APO

mercredi 6 mai 2026

Kinshasa : la Police judiciaire rappelée à l’ordre sur la discipline et ses missions

Le commissaire général adjoint en charge de la Police judiciaire, le commissaire divisionnaire Bertin Balekupayi, a tenu une parade le lundi 4 mai 2026 au siège de la coordination nationale à Kinshasa. M'objectif était de rappeler aux cadres et agents les principes fondamentaux encadrant leurs missions, notamment la discipline, la hiérarchie et le rôle exact de la Police judiciaire.

Une hiérarchie stricte et des missions verticales

Au cours de cette rencontre, Bertin Balekupayi a relayé les instructions du commissaire général de la Police nationale congolaise (PNC), le commissaire divisionnaire principal Benjamin Alonga Boni. Il a insisté sur le respect strict de la discipline et des lois régissant le fonctionnement du service.

Selon lui, les missions au sein de la Police judiciaire sont « verticales », ce qui implique que toute revendication ou préoccupation doit suivre la voie hiérarchique normale. Il a mis en garde contre toute forme d’indiscipline susceptible de compromettre le bon fonctionnement de la coordination.

Encadrement des OPJ : mettre fin à la divagation

Le commissaire général adjoint a déploré la « divagation » de certains officiers de police judiciaire (OPJ) à travers la ville de Kinshasa. Il a rappelé que chaque responsable est tenu de savoir où se trouvent ses éléments et quelles missions leur sont assignées. « Les tâches doivent être clairement réparties avant toute descente sur le terrain afin de garantir la maîtrise des effectifs et de répondre efficacement aux autorités en cas de besoin ».

Il a également dénoncé des pratiques abusives de certains agents opérant dans des zones reculées, notamment l’interpellation d’opérateurs économiques étrangers suivie d’exigences financières illégales. Certains cas de séquestration visant à extorquer de l’argent ont été évoqués. Un message a été adressé au commissaire provincial de la police de Kinshasa, le commissaire divisionnaire Israël Kantu, afin que ces instructions soient relayées dans tous les postes et commissariats pour mettre fin à ces dérives.

Renforcement des capacités des OPJ

Sur le plan technique, Bertin Balekupayi a annoncé un programme de remise à niveau de 40 officiers de police judiciaire, en collaboration avec des partenaires tels que le PNUD et EUPOL. Il a également insisté sur la nécessité de renforcer la collaboration entre les différents services spécialisés, notamment le Bureau central national (BCN) Interpol, la Police technique et scientifique, ainsi que les cours et tribunaux de Kinshasa.

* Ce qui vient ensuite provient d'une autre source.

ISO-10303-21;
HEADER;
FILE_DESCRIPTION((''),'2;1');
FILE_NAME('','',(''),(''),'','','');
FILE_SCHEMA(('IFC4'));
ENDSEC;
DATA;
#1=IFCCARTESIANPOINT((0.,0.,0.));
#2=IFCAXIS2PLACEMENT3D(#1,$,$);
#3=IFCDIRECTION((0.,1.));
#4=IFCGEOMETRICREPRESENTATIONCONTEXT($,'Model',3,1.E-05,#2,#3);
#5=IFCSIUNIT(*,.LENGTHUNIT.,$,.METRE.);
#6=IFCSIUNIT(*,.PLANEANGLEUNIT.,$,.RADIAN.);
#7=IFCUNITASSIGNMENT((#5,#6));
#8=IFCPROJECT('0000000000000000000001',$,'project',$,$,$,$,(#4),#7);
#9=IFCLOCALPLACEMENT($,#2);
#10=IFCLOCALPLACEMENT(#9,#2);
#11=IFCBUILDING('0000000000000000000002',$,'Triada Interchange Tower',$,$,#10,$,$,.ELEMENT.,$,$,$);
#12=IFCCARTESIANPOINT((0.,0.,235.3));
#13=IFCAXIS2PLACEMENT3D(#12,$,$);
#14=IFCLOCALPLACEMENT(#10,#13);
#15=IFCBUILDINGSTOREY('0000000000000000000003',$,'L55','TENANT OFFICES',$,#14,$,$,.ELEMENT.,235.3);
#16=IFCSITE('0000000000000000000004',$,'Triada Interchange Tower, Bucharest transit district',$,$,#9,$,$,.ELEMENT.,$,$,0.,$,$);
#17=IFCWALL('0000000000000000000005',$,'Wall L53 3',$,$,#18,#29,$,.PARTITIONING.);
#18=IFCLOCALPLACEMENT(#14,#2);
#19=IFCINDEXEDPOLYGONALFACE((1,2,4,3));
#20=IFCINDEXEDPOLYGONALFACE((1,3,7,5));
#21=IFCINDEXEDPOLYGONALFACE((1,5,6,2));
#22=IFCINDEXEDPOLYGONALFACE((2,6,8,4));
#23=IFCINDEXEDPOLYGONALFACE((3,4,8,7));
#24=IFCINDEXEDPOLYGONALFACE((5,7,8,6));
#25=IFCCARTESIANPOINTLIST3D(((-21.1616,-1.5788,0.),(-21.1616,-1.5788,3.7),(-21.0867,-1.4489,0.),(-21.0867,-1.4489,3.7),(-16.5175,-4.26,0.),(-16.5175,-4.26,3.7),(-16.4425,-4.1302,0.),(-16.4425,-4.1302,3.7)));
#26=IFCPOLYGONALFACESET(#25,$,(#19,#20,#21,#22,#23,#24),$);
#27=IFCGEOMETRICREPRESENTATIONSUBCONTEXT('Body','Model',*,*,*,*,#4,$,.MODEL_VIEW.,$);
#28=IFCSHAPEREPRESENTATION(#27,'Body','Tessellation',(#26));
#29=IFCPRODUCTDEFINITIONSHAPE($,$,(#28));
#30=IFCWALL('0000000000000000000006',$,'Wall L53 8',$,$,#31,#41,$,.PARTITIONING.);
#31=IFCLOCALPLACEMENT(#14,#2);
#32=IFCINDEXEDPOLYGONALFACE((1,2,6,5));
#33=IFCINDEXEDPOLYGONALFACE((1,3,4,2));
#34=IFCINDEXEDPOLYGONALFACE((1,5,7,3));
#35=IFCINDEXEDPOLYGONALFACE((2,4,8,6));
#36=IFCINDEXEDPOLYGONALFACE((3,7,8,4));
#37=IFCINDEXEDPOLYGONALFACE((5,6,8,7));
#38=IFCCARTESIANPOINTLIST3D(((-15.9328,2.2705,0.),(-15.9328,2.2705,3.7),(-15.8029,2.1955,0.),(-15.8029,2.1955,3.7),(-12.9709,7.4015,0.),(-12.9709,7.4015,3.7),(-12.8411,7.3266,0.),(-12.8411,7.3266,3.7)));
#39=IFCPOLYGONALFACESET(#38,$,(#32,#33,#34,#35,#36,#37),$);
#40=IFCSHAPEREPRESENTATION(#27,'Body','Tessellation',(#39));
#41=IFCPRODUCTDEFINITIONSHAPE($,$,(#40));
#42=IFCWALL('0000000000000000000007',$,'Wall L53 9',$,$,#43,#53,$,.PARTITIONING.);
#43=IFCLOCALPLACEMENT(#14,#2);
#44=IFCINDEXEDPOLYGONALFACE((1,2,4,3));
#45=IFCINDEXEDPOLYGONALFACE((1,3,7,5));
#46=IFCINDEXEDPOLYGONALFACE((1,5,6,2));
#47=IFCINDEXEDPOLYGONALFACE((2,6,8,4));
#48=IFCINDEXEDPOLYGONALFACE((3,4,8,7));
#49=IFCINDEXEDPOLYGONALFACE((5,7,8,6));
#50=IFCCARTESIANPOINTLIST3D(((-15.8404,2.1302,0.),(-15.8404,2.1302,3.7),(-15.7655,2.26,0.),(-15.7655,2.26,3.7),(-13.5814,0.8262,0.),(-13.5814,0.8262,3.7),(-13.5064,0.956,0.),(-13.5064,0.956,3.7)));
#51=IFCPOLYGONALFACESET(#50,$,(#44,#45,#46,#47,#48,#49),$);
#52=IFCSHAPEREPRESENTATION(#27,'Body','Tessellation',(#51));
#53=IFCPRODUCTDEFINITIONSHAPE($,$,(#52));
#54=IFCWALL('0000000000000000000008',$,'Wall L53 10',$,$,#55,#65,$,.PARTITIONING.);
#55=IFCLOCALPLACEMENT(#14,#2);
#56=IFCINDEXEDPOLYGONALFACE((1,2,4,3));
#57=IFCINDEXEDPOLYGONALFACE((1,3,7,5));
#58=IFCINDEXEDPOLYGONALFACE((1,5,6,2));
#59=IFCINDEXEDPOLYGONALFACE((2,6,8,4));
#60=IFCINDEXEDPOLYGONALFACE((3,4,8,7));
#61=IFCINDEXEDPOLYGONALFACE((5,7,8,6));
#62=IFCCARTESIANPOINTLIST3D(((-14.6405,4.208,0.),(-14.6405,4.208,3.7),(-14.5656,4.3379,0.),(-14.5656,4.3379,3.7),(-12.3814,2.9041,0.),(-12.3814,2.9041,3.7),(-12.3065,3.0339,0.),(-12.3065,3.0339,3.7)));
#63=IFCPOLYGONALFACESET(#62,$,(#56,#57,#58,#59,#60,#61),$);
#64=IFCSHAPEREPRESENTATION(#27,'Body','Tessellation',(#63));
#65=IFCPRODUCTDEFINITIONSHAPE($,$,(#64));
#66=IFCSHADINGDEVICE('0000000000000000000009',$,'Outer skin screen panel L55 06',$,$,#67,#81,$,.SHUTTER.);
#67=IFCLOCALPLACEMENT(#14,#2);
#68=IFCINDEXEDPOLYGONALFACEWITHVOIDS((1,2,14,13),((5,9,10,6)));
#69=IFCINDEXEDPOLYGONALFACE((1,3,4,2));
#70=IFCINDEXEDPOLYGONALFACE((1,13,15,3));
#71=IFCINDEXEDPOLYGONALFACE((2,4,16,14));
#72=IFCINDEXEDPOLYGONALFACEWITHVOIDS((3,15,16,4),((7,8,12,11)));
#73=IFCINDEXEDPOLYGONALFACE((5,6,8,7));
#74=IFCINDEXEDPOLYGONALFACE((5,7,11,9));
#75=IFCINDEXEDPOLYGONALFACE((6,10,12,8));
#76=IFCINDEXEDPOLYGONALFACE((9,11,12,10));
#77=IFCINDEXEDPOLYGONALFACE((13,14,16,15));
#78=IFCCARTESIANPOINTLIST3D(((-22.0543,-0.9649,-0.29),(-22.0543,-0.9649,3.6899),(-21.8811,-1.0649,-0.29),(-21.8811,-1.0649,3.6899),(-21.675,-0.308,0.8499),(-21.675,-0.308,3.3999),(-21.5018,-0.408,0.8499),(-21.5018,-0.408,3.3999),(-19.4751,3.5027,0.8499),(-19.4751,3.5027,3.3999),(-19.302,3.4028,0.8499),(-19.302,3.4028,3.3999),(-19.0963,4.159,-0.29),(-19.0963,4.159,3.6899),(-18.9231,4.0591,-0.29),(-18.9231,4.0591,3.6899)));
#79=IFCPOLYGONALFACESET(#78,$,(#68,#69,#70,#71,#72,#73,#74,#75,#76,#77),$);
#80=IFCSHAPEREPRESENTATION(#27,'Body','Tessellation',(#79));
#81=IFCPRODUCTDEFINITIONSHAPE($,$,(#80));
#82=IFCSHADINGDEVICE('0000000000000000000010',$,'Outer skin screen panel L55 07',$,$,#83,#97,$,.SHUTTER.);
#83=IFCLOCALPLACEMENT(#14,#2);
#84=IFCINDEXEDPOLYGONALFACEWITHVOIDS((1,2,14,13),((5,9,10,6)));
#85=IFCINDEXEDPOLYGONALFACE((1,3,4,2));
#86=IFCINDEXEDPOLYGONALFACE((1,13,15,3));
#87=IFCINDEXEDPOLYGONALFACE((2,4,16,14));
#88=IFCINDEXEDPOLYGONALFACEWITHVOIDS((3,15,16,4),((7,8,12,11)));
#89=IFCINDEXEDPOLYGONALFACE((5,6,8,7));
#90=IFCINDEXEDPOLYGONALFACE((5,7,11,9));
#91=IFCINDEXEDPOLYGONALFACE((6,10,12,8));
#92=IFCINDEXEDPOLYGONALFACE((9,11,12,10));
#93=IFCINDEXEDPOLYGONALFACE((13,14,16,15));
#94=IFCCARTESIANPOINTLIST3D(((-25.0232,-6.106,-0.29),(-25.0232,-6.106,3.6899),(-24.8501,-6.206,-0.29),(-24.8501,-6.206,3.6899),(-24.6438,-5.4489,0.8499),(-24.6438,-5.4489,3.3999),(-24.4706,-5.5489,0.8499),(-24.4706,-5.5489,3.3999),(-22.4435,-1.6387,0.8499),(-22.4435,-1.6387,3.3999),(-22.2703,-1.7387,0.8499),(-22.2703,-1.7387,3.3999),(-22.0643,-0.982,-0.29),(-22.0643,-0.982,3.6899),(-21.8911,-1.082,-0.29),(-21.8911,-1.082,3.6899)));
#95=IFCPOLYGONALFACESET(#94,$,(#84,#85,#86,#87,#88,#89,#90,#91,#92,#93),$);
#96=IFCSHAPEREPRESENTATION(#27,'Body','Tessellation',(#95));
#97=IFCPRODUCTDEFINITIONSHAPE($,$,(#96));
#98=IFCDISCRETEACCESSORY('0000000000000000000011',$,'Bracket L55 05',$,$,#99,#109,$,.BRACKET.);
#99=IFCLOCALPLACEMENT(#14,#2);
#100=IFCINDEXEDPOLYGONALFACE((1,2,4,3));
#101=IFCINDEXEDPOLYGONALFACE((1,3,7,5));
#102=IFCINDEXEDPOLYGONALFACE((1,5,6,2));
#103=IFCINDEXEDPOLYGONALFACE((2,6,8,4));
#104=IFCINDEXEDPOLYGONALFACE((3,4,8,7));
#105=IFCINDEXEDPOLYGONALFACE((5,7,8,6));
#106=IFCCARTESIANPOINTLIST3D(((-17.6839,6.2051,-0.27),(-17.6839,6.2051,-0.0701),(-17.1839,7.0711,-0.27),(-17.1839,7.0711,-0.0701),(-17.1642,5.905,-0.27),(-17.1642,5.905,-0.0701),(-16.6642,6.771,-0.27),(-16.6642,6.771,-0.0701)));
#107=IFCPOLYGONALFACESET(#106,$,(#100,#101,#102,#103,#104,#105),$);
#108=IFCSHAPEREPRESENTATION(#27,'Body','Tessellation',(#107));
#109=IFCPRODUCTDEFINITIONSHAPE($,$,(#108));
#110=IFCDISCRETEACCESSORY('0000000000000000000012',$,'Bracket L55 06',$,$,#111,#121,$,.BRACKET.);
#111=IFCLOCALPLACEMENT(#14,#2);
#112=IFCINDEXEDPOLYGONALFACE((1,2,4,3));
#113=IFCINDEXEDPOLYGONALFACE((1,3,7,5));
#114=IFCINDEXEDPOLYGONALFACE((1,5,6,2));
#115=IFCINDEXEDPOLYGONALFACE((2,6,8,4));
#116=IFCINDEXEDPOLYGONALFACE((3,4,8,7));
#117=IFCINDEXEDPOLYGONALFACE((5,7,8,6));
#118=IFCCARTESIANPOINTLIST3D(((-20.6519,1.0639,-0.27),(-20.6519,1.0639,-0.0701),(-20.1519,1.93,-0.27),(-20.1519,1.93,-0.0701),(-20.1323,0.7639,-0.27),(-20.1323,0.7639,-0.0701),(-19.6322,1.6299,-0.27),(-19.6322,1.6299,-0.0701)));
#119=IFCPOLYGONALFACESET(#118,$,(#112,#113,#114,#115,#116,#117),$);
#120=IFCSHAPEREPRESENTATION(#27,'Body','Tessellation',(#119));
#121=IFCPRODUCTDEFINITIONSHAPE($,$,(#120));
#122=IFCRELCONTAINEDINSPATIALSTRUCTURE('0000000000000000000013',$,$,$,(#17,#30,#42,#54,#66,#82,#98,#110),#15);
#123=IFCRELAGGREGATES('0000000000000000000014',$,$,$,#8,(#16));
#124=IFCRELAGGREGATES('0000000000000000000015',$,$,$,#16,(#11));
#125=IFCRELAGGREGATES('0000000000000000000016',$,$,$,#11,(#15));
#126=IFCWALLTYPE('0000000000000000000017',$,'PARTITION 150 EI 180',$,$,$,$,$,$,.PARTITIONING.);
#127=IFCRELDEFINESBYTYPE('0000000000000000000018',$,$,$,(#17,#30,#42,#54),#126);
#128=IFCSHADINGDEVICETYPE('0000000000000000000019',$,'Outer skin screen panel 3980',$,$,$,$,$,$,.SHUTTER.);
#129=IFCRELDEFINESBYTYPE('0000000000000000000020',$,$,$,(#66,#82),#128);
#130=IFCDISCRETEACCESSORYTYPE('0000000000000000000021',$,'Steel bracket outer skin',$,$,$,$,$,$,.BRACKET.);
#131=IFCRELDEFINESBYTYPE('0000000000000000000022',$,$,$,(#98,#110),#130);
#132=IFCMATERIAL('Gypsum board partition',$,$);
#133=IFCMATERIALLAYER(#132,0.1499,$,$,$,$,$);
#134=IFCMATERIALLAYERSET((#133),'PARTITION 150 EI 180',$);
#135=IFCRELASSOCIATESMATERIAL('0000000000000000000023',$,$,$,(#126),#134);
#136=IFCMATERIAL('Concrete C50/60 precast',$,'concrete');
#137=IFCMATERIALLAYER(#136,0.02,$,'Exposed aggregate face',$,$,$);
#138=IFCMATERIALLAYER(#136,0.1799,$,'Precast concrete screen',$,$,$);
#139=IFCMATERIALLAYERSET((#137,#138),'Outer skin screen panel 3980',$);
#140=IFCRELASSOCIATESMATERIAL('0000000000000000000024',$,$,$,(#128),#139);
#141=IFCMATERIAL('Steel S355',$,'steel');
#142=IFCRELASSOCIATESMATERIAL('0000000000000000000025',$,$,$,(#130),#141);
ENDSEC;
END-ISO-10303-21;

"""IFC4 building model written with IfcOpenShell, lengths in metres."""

from ifc_helpers import new_model, si_unit, direction, frame, frame_2d, origin, origin_2d, place, context, subcontext, project, spatial, polyline, rectangle, outline, extrude, material, layer, layer_set, type_object, element, save


model = new_model("IFC4")

# Units and contexts
model_context = context("Model", 3, precision=1e-05, world=origin(), true_north=direction((0.0, 1.0)))
body_context = subcontext(model_context, "Body", "Model", "MODEL_VIEW")
ifc_project = project(units=[si_unit("LENGTHUNIT", "METRE"), si_unit("PLANEANGLEUNIT", "RADIAN")], contexts=[model_context])

# Site, building, storey
site_placement = place(None, origin())
site = spatial("IfcSite", under=ifc_project, at=site_placement, Name="Triada Interchange Tower, Bucharest transit district", CompositionType="ELEMENT", RefElevation=0.0)
building_placement = place(site_placement, origin())
building = spatial("IfcBuilding", under=site, at=building_placement, Name="Triada Interchange Tower", CompositionType="ELEMENT")
storey_placement = place(building_placement, frame((0.0, 0.0, 235.3)))
storey = spatial("IfcBuildingStorey", under=building, at=storey_placement, Name="L55", Description="TENANT OFFICES", CompositionType="ELEMENT", Elevation=235.3)

# Walls
ifc_material_1 = material(Name="Gypsum board partition")
ifc_layer_1 = layer(ifc_material_1, 0.1499)
ifc_layer_set_1 = layer_set([ifc_layer_1], Name="PARTITION 150 EI 180")
wall_type_1 = type_object("IfcWallType", Name="PARTITION 150 EI 180", PredefinedType="PARTITIONING", material=ifc_layer_set_1)
wall_1_placement = place(storey_placement, frame((-21.124, -1.5139, 0.0), z_axis=(0.0, 0.0, 1.0), x_axis=(0.866032, -0.499988, 0.0)))
element("IfcWall", 1, at=wall_1_placement, inside=storey, type_object=wall_type_1, Name="Wall L53 3", PredefinedType="PARTITIONING", context=body_context, shape_type="SweptSolid", body=[
    extrude(rectangle(XDim=5.3625, YDim=0.1499, at=frame_2d((2.6812, 0.0))), origin(), (0.0, 0.0, 1.0), 3.7),
])
wall_2_placement = place(storey_placement, frame((-15.8679, 2.2329, 0.0), z_axis=(0.0, 0.0, 1.0), x_axis=(0.499933, 0.866064, 0.0)))
element("IfcWall", 2, at=wall_2_placement, inside=storey, type_object=wall_type_1, Name="Wall L53 8", PredefinedType="PARTITIONING", context=body_context, shape_type="SweptSolid", body=[
    extrude(rectangle(XDim=5.9246, YDim=0.1499, at=frame_2d((2.9624, 0.0))), origin(), (0.0, 0.0, 1.0), 3.7),
])
for number, where, z_axis, x_axis, name in (
    (3, (-15.803, 2.1951, 0.0), (0.0, 0.0, 1.0), (0.866075, -0.499914, 0.0), "Wall L53 9"),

Les OPJ traitant des dossiers de criminalité transnationale sont appelés à passer par le BCN Interpol, interlocuteur des polices étrangères.

Par ailleurs, les services techniques doivent être sollicités pour appuyer les enquêtes, notamment à travers l’exploitation des nouvelles technologies, y compris la géolocalisation dans les affaires de crimes, vols ou assassinats.

Clarification sur le statut des OPJ

Le commissaire général adjoint a également levé l’équivoque autour des officiers de police judiciaire issus d’autres services de l’État. Il a rappelé que certains ministères et d'autres structures de l'État disposent de leurs propres OPJ, nommés par arrêté du ministre de la Justice, puis habilités après prestation de serment devant le procureur général. Cependant, ces derniers ont une compétence territoriale limitée, contrairement à ceux relevant de la Police nationale congolaise.

S’appuyant sur la loi organique du 11 août 2011, notamment en son article 86, alinéa 2, il a précisé que seuls le BCN Interpol et la police judiciaire des parquets sont regroupés au sein de la PNC. « Il n’existe pas d’autre service de Police judiciaire en dehors de ce cadre légal ». Il a enfin rappelé qu’une loi organique ne peut être abrogée par un simple texte réglementaire, invitant ainsi les OPJ à dissiper toute confusion sur leur statut et leurs prérogatives.